Well, there you have it: The Haves and the have-nots of math. If you one of the lucky ones, math is easy and you do well; if you are one of the disadvantaged, you have to work really hard just to avoid a failing grade.
Why the difference? This is my theory. Students walk into a math class with some basic understanding of mathematics. (This is their mental models, to use the terminology from my theory section.) The class presents something new. The students then have to somehow get from their current understanding to the new information.
Most students erect a temporary bridge. This is memorization -- they memorize the procedure for solving the problem. The difficulty of this is influenced by how smart they are and how often they have built this same bridge in the past. But one of the biggest factors is simply how big of bridge they have to build. If the student walks into the class with a big understanding of math, they just need to build a small bridge. If the student walks into the class with a small understanding of math, they need to build a large bridge.

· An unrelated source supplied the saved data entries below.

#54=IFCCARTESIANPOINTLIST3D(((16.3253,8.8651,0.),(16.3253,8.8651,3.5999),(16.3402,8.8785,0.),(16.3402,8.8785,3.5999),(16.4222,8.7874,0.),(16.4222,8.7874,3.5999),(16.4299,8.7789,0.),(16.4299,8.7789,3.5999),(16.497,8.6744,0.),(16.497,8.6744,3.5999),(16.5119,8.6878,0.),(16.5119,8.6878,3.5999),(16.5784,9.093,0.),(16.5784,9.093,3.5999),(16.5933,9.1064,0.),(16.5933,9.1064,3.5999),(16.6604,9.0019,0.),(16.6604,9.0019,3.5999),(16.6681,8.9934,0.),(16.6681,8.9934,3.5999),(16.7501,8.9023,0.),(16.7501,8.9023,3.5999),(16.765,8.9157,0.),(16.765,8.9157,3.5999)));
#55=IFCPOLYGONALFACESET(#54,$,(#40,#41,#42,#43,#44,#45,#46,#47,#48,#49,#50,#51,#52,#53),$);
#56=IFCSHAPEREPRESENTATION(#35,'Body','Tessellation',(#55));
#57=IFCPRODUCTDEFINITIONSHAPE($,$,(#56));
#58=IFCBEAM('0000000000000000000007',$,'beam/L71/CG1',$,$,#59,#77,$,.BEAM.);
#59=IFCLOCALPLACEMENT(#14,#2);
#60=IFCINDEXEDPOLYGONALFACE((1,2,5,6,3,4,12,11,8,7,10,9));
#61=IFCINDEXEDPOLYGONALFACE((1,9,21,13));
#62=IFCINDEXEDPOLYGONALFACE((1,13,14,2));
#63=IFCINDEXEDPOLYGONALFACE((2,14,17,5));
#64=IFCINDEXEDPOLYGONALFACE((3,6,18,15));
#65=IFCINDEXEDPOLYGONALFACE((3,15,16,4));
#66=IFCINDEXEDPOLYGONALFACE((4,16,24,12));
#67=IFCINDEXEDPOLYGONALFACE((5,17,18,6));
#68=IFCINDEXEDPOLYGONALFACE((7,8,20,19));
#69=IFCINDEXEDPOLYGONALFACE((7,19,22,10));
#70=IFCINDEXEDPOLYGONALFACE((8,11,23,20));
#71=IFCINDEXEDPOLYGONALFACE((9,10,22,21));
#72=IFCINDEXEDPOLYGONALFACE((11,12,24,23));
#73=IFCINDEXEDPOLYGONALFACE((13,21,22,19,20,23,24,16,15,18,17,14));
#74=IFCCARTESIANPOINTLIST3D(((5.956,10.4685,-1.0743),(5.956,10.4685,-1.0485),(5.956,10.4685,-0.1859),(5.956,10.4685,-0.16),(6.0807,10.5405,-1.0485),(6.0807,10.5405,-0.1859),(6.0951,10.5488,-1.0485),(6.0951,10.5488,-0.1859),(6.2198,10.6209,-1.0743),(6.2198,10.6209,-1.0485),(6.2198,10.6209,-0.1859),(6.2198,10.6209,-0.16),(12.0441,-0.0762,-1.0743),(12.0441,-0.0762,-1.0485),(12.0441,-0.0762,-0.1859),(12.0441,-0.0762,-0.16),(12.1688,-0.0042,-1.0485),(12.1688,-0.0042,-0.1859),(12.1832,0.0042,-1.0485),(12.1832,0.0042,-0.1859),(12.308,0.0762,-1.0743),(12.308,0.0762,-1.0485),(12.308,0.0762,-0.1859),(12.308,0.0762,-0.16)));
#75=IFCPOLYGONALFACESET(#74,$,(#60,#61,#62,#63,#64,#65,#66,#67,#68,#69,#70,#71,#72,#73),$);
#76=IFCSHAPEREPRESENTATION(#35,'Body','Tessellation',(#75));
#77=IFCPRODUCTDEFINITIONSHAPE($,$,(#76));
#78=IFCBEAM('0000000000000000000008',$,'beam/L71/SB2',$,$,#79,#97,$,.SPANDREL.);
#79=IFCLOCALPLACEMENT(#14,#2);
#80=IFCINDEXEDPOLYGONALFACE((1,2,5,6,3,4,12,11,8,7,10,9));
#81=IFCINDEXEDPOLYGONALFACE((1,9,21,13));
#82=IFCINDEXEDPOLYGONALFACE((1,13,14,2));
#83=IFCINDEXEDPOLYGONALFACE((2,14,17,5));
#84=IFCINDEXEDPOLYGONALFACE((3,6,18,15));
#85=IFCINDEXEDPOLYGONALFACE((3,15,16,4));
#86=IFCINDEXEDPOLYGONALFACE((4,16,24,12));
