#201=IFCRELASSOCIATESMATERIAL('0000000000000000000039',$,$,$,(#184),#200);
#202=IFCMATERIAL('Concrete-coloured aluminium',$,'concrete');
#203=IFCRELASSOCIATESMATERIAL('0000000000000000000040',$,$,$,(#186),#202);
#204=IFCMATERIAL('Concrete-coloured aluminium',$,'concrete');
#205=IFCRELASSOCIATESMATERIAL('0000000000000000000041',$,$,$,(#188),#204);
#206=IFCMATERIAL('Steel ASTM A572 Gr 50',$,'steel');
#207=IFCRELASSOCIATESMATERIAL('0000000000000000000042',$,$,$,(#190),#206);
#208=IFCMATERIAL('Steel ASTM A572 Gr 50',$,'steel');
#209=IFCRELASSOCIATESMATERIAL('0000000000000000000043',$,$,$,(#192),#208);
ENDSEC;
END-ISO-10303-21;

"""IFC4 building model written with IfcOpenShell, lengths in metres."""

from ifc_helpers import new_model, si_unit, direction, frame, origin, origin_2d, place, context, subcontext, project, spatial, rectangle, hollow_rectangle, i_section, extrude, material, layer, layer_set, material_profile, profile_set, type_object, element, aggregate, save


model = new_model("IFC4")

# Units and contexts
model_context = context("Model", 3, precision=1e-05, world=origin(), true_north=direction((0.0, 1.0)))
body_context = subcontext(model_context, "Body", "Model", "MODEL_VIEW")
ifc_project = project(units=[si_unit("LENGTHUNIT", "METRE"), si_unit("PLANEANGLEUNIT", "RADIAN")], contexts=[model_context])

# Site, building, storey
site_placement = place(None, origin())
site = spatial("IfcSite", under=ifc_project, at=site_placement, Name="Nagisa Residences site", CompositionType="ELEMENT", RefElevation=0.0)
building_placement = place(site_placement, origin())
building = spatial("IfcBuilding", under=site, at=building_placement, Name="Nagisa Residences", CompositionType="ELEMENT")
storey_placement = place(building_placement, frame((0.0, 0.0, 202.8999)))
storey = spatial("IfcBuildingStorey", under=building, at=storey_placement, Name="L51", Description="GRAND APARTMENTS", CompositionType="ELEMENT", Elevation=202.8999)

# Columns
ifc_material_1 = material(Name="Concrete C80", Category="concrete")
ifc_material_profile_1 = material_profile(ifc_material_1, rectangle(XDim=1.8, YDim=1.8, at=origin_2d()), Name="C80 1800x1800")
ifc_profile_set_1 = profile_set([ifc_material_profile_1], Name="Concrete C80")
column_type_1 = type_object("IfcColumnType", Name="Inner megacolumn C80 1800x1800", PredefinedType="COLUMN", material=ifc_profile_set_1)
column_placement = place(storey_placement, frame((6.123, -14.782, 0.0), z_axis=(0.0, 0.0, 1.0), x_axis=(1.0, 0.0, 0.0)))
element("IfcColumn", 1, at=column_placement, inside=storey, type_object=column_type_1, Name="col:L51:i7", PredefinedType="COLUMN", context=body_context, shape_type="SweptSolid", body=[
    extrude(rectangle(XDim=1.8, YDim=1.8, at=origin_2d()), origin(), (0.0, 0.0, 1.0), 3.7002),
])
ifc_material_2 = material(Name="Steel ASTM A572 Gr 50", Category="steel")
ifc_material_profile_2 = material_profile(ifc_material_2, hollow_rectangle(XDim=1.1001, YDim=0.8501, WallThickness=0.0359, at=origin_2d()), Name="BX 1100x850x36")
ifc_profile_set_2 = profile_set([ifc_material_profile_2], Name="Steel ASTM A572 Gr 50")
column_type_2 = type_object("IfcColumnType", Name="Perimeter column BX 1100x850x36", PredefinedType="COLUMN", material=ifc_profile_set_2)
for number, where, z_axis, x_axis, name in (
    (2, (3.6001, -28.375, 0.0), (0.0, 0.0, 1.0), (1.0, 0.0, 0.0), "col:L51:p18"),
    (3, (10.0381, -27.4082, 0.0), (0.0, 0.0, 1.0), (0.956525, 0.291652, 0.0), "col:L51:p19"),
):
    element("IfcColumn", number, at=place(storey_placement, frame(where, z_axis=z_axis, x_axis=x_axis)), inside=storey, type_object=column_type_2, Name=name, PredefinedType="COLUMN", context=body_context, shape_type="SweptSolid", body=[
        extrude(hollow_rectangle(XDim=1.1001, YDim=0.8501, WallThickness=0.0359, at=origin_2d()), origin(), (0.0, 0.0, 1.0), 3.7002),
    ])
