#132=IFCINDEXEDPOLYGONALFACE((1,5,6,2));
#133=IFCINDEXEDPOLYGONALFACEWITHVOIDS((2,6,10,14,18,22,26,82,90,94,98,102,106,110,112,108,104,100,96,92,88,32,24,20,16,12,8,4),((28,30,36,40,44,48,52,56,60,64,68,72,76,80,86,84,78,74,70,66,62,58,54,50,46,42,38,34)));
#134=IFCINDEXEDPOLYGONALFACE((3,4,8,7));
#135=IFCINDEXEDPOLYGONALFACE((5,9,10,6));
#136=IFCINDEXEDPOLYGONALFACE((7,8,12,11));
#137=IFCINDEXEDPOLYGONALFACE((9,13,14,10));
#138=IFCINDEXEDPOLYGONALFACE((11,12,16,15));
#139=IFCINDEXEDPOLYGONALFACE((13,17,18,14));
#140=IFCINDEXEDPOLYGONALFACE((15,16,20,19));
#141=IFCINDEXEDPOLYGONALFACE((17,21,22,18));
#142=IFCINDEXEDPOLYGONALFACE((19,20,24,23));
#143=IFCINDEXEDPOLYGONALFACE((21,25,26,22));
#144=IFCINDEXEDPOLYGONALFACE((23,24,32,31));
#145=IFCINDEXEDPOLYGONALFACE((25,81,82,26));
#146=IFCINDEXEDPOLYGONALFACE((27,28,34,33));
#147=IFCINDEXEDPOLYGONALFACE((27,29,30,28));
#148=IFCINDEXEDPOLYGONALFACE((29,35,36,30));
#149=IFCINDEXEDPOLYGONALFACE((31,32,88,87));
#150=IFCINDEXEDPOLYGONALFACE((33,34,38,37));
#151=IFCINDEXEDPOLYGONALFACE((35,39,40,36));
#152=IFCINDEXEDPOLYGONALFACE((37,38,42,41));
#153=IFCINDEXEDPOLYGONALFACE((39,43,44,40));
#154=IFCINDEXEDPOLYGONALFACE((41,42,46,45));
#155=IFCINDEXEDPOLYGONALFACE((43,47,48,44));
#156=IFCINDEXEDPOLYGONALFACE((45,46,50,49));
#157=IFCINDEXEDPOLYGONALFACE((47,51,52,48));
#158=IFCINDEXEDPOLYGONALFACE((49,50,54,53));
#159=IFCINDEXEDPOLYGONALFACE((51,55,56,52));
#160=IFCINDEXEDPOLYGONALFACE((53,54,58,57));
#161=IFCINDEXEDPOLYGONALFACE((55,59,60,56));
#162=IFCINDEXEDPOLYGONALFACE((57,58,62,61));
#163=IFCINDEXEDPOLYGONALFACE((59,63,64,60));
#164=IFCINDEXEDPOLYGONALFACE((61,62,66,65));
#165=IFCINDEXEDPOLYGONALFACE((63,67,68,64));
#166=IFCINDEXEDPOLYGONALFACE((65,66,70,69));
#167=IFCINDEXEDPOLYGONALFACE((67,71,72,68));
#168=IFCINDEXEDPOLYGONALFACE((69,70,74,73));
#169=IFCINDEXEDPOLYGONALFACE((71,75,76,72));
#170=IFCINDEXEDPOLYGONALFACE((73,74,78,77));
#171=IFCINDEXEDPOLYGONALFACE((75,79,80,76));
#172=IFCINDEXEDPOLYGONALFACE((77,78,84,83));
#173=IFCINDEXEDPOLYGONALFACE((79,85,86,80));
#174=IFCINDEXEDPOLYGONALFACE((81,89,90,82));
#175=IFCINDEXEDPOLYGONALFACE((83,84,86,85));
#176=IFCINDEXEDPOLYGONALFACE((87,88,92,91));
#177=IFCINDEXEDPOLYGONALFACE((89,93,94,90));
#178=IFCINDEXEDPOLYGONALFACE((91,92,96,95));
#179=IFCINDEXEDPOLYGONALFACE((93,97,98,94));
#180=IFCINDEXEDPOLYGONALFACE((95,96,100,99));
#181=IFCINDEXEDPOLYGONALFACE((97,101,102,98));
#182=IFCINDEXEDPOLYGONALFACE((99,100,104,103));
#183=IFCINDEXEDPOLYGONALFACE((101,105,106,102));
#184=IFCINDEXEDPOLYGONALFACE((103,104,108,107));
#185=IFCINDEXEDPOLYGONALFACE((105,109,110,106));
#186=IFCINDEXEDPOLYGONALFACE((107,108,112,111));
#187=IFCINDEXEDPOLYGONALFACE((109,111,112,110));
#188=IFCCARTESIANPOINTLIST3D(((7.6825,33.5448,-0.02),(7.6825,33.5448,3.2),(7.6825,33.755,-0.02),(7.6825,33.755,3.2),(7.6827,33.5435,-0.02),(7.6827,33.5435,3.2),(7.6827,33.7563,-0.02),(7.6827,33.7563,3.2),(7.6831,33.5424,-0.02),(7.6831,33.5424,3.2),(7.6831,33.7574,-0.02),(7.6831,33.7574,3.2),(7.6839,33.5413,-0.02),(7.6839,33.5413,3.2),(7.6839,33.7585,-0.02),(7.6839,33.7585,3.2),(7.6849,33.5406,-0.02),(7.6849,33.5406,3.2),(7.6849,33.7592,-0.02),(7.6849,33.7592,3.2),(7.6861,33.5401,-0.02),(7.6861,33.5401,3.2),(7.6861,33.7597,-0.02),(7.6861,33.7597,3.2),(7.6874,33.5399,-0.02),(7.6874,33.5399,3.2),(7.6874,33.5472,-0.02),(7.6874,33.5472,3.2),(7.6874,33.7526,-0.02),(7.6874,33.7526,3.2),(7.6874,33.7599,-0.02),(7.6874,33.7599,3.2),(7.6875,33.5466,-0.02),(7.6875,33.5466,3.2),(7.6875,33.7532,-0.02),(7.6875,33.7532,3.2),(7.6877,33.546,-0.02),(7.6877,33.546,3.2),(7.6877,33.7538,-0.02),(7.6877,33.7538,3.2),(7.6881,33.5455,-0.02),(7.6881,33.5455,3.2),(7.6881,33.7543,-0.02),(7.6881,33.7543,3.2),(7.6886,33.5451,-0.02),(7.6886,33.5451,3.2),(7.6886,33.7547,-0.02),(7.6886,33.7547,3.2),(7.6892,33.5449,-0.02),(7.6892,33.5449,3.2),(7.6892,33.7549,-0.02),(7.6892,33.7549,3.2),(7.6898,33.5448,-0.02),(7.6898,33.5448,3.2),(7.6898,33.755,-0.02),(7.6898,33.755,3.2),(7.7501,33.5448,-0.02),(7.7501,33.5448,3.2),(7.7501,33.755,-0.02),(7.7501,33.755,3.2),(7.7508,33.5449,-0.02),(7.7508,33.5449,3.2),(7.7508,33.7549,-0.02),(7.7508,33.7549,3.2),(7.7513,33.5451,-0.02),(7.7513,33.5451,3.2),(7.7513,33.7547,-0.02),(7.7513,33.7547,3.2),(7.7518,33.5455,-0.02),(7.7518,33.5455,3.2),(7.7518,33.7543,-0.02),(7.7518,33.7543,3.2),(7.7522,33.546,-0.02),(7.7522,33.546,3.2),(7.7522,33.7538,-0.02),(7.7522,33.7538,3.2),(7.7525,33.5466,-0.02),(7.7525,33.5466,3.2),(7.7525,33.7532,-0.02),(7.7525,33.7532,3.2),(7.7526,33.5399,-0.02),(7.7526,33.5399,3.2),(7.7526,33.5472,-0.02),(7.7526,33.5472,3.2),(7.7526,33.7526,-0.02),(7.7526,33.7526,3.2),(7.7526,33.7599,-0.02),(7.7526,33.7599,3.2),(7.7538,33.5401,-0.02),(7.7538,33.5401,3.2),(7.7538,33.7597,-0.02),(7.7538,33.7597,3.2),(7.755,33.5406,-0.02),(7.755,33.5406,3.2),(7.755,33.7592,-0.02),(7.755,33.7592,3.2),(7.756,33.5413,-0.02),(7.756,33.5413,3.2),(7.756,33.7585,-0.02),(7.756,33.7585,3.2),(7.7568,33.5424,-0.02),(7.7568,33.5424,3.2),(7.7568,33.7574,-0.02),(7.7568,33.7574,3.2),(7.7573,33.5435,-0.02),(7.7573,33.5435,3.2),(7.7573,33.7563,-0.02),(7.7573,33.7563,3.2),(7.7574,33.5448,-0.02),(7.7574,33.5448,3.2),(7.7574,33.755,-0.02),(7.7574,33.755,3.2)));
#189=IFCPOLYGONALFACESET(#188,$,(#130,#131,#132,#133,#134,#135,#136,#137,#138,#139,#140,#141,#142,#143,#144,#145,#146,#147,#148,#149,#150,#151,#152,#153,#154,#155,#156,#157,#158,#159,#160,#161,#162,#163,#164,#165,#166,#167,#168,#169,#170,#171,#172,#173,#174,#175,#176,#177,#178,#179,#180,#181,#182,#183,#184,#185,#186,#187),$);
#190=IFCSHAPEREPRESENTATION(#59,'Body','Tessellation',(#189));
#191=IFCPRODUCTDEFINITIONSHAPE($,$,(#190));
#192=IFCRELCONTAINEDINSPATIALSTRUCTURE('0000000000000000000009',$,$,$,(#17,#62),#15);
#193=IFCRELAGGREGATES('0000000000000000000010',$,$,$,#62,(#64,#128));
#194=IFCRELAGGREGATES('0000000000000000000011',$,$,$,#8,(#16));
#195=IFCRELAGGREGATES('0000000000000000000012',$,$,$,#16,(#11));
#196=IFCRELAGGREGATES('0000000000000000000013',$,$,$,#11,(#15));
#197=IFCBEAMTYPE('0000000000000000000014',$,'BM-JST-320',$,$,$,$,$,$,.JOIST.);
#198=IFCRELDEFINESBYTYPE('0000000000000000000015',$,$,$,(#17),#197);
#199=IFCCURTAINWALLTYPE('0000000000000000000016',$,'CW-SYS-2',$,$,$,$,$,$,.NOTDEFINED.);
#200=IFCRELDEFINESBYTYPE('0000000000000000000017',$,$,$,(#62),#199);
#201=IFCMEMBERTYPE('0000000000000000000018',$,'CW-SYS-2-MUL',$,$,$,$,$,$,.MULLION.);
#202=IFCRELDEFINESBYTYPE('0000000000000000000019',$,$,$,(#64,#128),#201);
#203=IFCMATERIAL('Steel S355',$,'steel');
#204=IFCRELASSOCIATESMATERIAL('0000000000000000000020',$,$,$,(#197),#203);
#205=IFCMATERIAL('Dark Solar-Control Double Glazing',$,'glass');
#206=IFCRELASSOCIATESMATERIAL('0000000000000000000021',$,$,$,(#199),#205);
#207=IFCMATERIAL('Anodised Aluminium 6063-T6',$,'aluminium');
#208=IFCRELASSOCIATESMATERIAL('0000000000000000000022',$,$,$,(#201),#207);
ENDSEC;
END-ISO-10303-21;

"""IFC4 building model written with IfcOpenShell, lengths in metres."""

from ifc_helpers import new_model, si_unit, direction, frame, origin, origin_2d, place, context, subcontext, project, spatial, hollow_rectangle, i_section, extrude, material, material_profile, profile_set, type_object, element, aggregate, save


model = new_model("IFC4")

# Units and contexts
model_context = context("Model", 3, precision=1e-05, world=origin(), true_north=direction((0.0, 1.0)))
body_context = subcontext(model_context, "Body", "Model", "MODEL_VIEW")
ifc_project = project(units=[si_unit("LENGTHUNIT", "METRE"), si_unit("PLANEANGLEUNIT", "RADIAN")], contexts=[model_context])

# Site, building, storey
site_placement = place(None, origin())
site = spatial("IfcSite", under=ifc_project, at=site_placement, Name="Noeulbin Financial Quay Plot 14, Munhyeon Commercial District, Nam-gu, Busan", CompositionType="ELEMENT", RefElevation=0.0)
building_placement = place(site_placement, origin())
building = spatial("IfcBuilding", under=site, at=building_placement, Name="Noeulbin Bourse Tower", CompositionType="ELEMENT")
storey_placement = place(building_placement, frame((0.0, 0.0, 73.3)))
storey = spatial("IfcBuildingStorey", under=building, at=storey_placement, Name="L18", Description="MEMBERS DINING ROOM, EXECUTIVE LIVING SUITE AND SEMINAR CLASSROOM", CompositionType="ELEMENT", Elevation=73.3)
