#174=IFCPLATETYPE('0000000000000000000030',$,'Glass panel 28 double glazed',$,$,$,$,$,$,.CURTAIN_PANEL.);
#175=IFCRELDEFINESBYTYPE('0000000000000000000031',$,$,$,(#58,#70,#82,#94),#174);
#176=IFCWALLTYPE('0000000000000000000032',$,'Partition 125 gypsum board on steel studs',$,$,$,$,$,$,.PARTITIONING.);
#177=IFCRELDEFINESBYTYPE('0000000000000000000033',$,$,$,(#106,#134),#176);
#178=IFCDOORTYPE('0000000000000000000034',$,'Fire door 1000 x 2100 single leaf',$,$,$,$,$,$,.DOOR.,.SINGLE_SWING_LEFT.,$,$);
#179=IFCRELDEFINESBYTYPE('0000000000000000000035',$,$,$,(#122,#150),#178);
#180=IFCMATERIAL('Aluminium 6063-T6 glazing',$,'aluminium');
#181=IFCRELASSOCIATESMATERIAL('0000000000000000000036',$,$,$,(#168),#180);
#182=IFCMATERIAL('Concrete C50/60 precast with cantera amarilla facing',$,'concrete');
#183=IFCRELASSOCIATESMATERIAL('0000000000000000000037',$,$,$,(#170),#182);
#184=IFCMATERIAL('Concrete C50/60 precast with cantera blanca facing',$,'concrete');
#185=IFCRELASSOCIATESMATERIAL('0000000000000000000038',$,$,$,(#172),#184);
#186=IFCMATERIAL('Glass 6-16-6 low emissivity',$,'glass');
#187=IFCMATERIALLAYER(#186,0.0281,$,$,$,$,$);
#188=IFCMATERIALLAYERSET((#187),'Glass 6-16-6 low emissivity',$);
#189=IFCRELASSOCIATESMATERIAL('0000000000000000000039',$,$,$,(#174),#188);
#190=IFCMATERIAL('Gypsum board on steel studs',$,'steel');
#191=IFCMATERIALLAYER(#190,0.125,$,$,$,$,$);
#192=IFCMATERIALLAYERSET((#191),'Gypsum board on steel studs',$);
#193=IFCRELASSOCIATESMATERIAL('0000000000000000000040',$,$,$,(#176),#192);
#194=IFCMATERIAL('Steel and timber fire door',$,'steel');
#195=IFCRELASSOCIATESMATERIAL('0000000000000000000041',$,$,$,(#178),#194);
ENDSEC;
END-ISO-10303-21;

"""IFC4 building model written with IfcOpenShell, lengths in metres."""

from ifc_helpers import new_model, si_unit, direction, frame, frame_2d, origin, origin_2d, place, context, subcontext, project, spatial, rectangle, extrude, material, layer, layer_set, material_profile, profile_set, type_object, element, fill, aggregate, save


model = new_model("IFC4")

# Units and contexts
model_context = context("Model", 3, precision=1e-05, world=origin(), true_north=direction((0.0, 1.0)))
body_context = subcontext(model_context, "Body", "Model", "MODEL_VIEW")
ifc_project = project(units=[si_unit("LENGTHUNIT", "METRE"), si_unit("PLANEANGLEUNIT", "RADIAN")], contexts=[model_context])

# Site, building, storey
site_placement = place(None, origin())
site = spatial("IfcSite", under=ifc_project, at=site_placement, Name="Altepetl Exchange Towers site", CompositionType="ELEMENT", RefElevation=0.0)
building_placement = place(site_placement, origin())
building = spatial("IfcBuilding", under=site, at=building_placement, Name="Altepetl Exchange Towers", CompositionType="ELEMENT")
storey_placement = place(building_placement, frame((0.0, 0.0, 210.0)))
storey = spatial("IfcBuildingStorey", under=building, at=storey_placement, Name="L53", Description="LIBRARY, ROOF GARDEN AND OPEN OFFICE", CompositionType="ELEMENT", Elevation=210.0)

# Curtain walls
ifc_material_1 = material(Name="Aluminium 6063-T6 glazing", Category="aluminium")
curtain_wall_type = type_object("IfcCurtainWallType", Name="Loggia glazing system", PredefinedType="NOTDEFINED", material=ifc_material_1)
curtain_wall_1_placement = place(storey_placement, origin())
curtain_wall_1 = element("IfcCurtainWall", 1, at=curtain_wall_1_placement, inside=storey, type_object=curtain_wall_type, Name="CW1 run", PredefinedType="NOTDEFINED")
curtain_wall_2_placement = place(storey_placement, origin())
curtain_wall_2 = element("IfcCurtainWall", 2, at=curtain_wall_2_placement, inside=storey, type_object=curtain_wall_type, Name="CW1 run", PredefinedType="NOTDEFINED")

It is possible for students to build a permanent bridge -- to add to their understanding of mathematics. Obviously, this is the better long-run choice -- the student acquires a larger understanding of mathematics, making subsequent classes easier and improving the student's grades in those subsequent classes.
This is probably not the best short-run choice. It is difficult to build understanding, and it takes a lot of time. This option is open only to the students who come into the class with good understanding and need only to build a small bridge. Students with a small understanding would not have the time to understand all of the mathematics in the gulf between what they understand and what they need to do on the math test.
Also, the students with small understanding probably do not have the slightest idea how to build permanent understanding. The style of teaching encourages just memorization.
So, the have-nots start the class with a small understanding of mathematics. They have to work very hard, to build a bridge between what they know and what they have to do on the test. And even then, they often don't do well on the test (though that probably depends on the test). Meanwhile, they lack the time and knowledge needed to increase their understanding. So their understanding does not grow.
Meanwhile, the Haves understand most of what is happening in class and just have to build a small bridge. They have the skill and time to build a bridge of understanding, which increases their understanding of math. They walk into the next class with an even better understanding of math, increasing the gap between the Haves and the Have-nots.
Is there an Innate Math Skill?
I know, I left out of this picture the idea that some people simply have more math skill than others. This is probably true. It is almost certainly true that some people enjoy math more than others.
But..... How do we know? Maybe some people, who seem to lack math skill, simply missed out on some of the fundamental facts of math. Their starting foundation of understanding simply wasn't as good as other people's. Then they didn't do as well at math, they didn't understand as much, and so they didn't enjoy as much. Eventually, the whole thing snowballed and they never developed any math skills.
You might think that everyone knows the foundations. I don't think so. There are two ways to look at this. First, I start out teaching the foundations. I teach foundations to second graders. I teach foundations to sixth graders. If I was working with math-challenged adults, I would start at the foundations. Most people do not have good foundations.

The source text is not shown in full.